On the Scuderia side, moving Adami into development and TPC work is hardly a demotion. It’s a strategic deployment of experience in an area that Ferrari values, with juniors to mentor and a bank of old machinery to run for correlation and training. But it’s also a tacit acceptance that Hamilton’s second year requires a different voice on Sundays.

The wider context is impossible to ignore. 2026 is a reset year, and Hamilton will want to hit the ground running after a bedding-in season at Ferrari. The partnership didn’t lack speed at times in 2025, but the edges were rough. With Charles Leclerc established on the other side of the garage and the competitive order tightening, those rough edges matter.
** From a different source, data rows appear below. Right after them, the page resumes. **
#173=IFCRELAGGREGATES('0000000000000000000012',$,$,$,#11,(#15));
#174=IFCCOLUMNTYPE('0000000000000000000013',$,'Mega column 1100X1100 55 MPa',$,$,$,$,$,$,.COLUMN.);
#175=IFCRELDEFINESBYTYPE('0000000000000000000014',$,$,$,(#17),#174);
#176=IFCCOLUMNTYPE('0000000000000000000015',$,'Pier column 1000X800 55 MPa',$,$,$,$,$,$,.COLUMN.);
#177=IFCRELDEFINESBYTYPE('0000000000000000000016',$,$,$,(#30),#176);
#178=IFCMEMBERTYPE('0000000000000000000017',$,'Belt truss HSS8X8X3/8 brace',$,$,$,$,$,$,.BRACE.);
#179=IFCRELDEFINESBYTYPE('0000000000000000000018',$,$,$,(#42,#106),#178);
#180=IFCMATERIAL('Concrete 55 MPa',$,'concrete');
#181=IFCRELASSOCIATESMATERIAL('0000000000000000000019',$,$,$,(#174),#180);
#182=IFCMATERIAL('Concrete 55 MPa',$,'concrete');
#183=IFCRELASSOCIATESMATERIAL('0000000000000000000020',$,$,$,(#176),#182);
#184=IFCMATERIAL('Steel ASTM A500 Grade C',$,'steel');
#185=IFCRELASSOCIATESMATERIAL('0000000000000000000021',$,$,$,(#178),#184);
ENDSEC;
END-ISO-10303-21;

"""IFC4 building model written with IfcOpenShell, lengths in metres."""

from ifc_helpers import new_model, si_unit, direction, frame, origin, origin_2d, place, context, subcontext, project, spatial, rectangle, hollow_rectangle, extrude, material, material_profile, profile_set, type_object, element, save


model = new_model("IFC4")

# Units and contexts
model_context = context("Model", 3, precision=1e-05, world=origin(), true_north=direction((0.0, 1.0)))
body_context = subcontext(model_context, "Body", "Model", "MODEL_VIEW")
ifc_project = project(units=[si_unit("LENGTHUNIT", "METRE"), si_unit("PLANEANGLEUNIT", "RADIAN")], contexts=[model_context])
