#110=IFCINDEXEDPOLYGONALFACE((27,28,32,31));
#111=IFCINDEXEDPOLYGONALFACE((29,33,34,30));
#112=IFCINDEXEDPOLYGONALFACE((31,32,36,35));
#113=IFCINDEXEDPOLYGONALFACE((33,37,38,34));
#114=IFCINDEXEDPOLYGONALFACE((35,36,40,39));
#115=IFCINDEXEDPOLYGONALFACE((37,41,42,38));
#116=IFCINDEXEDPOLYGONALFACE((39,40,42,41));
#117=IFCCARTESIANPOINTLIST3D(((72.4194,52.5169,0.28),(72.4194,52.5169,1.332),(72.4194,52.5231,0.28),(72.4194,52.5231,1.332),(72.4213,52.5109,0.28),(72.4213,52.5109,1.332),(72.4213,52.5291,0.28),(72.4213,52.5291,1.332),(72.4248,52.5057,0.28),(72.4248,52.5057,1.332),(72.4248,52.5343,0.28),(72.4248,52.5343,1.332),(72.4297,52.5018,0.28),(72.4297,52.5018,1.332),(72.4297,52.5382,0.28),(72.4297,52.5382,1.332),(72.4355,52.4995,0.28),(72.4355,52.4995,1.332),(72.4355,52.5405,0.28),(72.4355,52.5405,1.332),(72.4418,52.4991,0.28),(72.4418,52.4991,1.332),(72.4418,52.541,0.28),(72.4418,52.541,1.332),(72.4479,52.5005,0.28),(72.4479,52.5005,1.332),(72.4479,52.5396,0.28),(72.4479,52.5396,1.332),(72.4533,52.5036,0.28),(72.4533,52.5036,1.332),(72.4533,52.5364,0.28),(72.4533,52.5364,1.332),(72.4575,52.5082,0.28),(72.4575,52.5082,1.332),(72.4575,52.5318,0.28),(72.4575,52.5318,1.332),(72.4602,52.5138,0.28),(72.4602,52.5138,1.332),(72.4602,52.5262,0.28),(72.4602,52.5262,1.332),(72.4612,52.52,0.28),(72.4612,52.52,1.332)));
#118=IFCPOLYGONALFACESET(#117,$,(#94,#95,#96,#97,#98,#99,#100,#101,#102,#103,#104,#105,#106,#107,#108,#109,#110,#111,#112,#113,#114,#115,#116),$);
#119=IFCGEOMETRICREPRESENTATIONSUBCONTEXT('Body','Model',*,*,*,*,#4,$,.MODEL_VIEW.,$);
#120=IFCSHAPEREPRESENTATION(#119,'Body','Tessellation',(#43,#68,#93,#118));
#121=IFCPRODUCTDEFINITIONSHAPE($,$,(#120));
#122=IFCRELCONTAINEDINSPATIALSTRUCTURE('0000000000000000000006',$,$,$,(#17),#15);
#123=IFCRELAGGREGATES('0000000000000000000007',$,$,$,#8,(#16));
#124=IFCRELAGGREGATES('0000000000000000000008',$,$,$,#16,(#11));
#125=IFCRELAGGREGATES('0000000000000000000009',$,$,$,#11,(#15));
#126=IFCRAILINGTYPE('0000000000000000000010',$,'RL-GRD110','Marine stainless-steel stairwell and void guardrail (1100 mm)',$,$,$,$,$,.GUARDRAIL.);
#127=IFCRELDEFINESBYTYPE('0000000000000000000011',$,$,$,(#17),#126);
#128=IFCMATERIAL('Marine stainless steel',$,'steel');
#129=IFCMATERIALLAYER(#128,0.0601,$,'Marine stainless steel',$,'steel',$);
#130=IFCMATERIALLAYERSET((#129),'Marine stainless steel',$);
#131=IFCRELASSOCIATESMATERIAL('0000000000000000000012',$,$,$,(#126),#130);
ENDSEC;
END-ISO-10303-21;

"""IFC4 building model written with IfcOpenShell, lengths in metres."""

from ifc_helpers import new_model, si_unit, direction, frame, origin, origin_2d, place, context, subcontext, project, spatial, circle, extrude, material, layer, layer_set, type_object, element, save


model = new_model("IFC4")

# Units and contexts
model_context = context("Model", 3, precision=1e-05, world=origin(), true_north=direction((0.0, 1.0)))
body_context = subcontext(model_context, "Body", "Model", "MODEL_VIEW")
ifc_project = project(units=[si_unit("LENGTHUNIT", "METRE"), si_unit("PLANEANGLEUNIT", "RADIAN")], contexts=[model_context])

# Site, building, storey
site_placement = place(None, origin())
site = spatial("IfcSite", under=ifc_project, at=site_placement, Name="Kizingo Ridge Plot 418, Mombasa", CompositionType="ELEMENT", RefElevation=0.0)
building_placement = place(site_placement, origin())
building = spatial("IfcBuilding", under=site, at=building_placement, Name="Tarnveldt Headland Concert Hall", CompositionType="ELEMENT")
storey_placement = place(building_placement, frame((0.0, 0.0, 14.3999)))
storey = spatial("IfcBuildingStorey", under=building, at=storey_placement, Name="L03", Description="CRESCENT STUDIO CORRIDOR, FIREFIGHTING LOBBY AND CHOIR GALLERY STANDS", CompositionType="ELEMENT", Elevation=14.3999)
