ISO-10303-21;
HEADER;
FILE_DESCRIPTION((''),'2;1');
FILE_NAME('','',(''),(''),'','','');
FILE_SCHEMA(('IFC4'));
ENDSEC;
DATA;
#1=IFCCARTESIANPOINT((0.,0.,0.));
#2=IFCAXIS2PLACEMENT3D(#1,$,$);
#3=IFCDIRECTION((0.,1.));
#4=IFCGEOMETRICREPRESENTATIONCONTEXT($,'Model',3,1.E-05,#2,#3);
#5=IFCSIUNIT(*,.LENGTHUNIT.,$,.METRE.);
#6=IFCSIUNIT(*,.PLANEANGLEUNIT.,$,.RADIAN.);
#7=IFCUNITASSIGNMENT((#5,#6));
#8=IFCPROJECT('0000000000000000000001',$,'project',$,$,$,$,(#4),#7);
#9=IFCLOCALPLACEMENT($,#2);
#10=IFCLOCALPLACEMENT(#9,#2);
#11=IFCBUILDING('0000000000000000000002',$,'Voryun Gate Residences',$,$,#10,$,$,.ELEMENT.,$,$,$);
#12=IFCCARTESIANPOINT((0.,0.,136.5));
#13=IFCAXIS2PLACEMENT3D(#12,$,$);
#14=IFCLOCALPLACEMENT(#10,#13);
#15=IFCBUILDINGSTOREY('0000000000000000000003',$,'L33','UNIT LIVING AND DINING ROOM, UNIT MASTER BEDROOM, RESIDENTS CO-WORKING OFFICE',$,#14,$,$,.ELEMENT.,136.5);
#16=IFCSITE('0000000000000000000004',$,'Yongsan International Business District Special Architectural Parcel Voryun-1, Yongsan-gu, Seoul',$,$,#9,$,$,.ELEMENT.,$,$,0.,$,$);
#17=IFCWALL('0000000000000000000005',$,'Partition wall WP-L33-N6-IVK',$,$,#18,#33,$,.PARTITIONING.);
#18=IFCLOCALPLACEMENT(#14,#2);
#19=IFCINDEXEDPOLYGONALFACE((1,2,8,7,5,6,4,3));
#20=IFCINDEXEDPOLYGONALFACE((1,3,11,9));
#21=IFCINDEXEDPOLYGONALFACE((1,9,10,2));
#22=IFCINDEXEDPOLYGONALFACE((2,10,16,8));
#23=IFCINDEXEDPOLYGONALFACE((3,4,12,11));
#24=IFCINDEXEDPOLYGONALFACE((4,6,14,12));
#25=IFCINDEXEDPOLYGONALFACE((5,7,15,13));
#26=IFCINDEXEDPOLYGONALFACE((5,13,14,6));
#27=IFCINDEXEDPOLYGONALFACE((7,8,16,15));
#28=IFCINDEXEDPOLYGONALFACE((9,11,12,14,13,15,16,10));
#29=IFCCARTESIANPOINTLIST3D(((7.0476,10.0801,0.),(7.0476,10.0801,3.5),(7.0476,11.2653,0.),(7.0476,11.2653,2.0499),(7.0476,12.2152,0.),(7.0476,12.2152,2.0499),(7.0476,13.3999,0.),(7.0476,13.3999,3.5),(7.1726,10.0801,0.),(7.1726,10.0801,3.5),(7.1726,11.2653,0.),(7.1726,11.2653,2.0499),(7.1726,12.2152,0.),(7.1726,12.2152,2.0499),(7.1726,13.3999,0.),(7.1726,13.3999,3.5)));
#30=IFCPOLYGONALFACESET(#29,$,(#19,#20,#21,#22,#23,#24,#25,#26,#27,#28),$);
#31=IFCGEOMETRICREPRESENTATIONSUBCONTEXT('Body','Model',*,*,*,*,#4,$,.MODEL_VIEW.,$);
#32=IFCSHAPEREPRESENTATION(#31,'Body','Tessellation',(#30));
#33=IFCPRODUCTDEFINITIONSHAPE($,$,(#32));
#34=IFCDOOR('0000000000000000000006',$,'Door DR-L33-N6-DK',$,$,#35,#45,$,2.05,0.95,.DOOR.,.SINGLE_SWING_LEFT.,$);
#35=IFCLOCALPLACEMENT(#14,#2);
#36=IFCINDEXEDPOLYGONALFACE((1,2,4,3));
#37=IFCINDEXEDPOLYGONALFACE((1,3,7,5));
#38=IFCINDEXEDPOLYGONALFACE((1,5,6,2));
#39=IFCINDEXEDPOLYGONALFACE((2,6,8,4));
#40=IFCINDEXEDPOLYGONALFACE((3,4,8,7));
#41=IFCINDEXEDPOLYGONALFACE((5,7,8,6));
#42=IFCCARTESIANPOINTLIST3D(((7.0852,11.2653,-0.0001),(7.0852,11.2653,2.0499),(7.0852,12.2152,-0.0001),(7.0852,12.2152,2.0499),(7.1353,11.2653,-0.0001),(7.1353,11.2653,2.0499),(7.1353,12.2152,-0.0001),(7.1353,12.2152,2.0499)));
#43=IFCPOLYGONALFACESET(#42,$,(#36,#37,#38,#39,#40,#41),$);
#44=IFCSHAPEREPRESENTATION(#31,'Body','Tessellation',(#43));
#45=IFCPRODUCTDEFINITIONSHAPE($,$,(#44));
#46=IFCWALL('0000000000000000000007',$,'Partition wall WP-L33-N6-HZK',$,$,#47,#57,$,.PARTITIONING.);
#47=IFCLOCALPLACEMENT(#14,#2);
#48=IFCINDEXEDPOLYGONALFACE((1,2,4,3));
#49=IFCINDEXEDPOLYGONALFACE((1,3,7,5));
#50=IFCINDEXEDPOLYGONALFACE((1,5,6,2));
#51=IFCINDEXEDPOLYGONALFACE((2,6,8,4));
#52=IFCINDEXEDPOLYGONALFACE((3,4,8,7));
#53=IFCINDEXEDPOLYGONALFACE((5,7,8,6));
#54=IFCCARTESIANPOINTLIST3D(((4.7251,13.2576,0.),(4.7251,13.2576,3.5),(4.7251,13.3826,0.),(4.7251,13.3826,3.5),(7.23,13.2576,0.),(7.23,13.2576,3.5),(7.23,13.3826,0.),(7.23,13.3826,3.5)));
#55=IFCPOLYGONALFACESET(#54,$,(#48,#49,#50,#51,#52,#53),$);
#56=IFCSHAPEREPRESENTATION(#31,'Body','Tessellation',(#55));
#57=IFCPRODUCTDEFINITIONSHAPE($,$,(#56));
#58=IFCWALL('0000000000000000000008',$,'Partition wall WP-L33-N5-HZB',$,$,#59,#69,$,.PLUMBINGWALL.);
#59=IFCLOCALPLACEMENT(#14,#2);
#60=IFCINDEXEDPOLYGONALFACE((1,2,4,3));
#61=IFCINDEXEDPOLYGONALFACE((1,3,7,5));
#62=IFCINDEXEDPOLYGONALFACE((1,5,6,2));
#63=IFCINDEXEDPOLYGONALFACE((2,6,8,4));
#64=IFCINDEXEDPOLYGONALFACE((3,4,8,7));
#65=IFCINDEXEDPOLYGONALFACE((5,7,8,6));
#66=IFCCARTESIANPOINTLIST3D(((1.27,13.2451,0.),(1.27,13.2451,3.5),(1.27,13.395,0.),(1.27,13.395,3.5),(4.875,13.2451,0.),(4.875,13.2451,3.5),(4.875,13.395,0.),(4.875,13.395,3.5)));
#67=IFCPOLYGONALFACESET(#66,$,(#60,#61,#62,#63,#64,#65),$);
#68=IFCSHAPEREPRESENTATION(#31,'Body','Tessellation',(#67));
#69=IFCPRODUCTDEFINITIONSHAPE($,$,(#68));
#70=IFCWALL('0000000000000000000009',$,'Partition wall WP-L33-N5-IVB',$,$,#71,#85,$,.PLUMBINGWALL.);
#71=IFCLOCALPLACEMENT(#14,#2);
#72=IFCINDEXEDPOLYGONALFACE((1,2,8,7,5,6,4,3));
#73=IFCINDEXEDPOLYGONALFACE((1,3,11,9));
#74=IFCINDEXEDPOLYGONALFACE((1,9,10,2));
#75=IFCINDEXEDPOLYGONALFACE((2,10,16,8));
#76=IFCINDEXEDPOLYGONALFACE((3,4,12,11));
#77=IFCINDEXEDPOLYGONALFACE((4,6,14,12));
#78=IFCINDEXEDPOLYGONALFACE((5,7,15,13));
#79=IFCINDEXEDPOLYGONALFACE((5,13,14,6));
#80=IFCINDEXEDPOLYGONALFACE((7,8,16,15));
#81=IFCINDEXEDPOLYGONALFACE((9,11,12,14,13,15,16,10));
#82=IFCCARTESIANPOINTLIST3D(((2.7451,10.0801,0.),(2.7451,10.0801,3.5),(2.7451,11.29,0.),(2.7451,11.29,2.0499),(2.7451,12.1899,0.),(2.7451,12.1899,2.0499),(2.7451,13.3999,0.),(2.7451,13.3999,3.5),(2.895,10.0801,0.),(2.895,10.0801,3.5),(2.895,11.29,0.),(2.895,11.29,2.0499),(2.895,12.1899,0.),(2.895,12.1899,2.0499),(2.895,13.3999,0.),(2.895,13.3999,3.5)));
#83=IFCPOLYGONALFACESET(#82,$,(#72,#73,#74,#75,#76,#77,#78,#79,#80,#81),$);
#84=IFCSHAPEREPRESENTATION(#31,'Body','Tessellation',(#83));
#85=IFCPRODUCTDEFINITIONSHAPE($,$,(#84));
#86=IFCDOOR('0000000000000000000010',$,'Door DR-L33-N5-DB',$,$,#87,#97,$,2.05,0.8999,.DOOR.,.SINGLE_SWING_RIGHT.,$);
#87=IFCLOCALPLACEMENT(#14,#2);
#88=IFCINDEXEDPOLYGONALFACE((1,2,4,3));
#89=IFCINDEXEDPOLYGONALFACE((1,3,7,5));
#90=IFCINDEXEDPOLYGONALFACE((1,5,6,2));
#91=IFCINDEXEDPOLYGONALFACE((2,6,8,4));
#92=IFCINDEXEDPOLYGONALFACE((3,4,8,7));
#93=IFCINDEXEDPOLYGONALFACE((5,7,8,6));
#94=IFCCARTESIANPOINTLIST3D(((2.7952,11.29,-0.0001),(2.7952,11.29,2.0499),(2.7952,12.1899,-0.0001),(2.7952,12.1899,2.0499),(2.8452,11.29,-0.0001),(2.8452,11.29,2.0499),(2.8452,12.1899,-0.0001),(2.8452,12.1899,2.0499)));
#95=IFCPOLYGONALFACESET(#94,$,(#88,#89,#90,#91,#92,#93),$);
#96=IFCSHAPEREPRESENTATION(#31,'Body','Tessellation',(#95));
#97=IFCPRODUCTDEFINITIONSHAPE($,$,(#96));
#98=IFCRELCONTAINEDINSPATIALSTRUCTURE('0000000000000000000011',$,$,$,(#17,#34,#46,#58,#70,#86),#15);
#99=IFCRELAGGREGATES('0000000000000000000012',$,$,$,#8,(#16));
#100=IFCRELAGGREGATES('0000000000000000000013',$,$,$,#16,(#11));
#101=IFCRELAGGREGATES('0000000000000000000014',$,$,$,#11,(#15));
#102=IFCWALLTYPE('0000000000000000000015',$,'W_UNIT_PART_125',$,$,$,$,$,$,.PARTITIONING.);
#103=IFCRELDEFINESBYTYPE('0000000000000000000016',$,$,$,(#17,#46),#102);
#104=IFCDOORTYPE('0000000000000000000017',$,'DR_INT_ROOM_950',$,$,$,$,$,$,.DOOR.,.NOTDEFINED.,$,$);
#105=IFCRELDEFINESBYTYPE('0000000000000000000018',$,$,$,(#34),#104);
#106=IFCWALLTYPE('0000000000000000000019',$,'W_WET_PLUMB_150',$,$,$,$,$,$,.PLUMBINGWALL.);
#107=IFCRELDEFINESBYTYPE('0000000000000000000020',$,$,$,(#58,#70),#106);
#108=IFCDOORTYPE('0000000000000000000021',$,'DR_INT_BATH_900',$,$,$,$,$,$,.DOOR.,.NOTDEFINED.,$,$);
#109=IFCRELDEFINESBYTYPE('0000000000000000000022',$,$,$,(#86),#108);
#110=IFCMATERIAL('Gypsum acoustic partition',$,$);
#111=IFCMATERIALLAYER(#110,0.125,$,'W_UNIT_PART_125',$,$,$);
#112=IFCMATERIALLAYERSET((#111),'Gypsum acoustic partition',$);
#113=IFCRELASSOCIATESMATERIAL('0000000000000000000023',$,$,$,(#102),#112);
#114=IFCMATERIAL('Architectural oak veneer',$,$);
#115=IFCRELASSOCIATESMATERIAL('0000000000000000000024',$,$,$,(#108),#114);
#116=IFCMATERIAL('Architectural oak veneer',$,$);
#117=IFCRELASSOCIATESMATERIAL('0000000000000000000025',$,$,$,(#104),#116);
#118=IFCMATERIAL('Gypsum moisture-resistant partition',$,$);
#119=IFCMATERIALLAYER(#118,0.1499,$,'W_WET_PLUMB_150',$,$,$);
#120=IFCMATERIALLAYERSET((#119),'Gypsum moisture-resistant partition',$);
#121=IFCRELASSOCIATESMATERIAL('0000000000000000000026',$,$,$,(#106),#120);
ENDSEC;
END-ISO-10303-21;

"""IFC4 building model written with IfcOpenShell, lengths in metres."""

from ifc_helpers import new_model, si_unit, direction, frame, frame_2d, origin, place, context, subcontext, project, spatial, rectangle, extrude, material, layer, layer_set, type_object, element, fill, save


model = new_model("IFC4")

# Units and contexts
model_context = context("Model", 3, precision=1e-05, world=origin(), true_north=direction((0.0, 1.0)))
body_context = subcontext(model_context, "Body", "Model", "MODEL_VIEW")
ifc_project = project(units=[si_unit("LENGTHUNIT", "METRE"), si_unit("PLANEANGLEUNIT", "RADIAN")], contexts=[model_context])

# Site, building, storey
site_placement = place(None, origin())
site = spatial("IfcSite", under=ifc_project, at=site_placement, Name="Yongsan International Business District Special Architectural Parcel Voryun-1, Yongsan-gu, Seoul", CompositionType="ELEMENT", RefElevation=0.0)
building_placement = place(site_placement, origin())
building = spatial("IfcBuilding", under=site, at=building_placement, Name="Voryun Gate Residences", CompositionType="ELEMENT")
storey_placement = place(building_placement, frame((0.0, 0.0, 136.5)))
storey = spatial("IfcBuildingStorey", under=building, at=storey_placement, Name="L33", Description="UNIT LIVING AND DINING ROOM, UNIT MASTER BEDROOM, RESIDENTS CO-WORKING OFFICE", CompositionType="ELEMENT", Elevation=136.5)

# Shared definitions
ifc_material_1 = material(Name="Gypsum acoustic partition")
ifc_layer_1 = layer(ifc_material_1, 0.125, Name="W_UNIT_PART_125")
ifc_layer_set_1 = layer_set([ifc_layer_1], Name="Gypsum acoustic partition")
wall_type_1 = type_object("IfcWallType", Name="W_UNIT_PART_125", PredefinedType="PARTITIONING", material=ifc_layer_set_1)
ifc_material_2 = material(Name="Architectural oak veneer")
door_type_1 = type_object("IfcDoorType", Name="DR_INT_BATH_900", OperationType="NOTDEFINED", PredefinedType="DOOR", material=ifc_material_2)
ifc_material_3 = material(Name="Architectural oak veneer")
door_type_2 = type_object("IfcDoorType", Name="DR_INT_ROOM_950", OperationType="NOTDEFINED", PredefinedType="DOOR", material=ifc_material_3)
Ferrari isn’t rushing the announcement, which suggests they’re weighing more than a simple plug-and-play. Do they elevate a known quantity from within, someone who already speaks Ferrari? Or bring in a fresh set of eyes and cadence to mesh with Hamilton’s style? Either route carries risk. Either could be the making of this project.

What’s clear is the intent. Hamilton asked for change. Ferrari has started making it. The next voice in his ear will tell us how serious both are about turning a high-profile marriage into a title-calibre operation.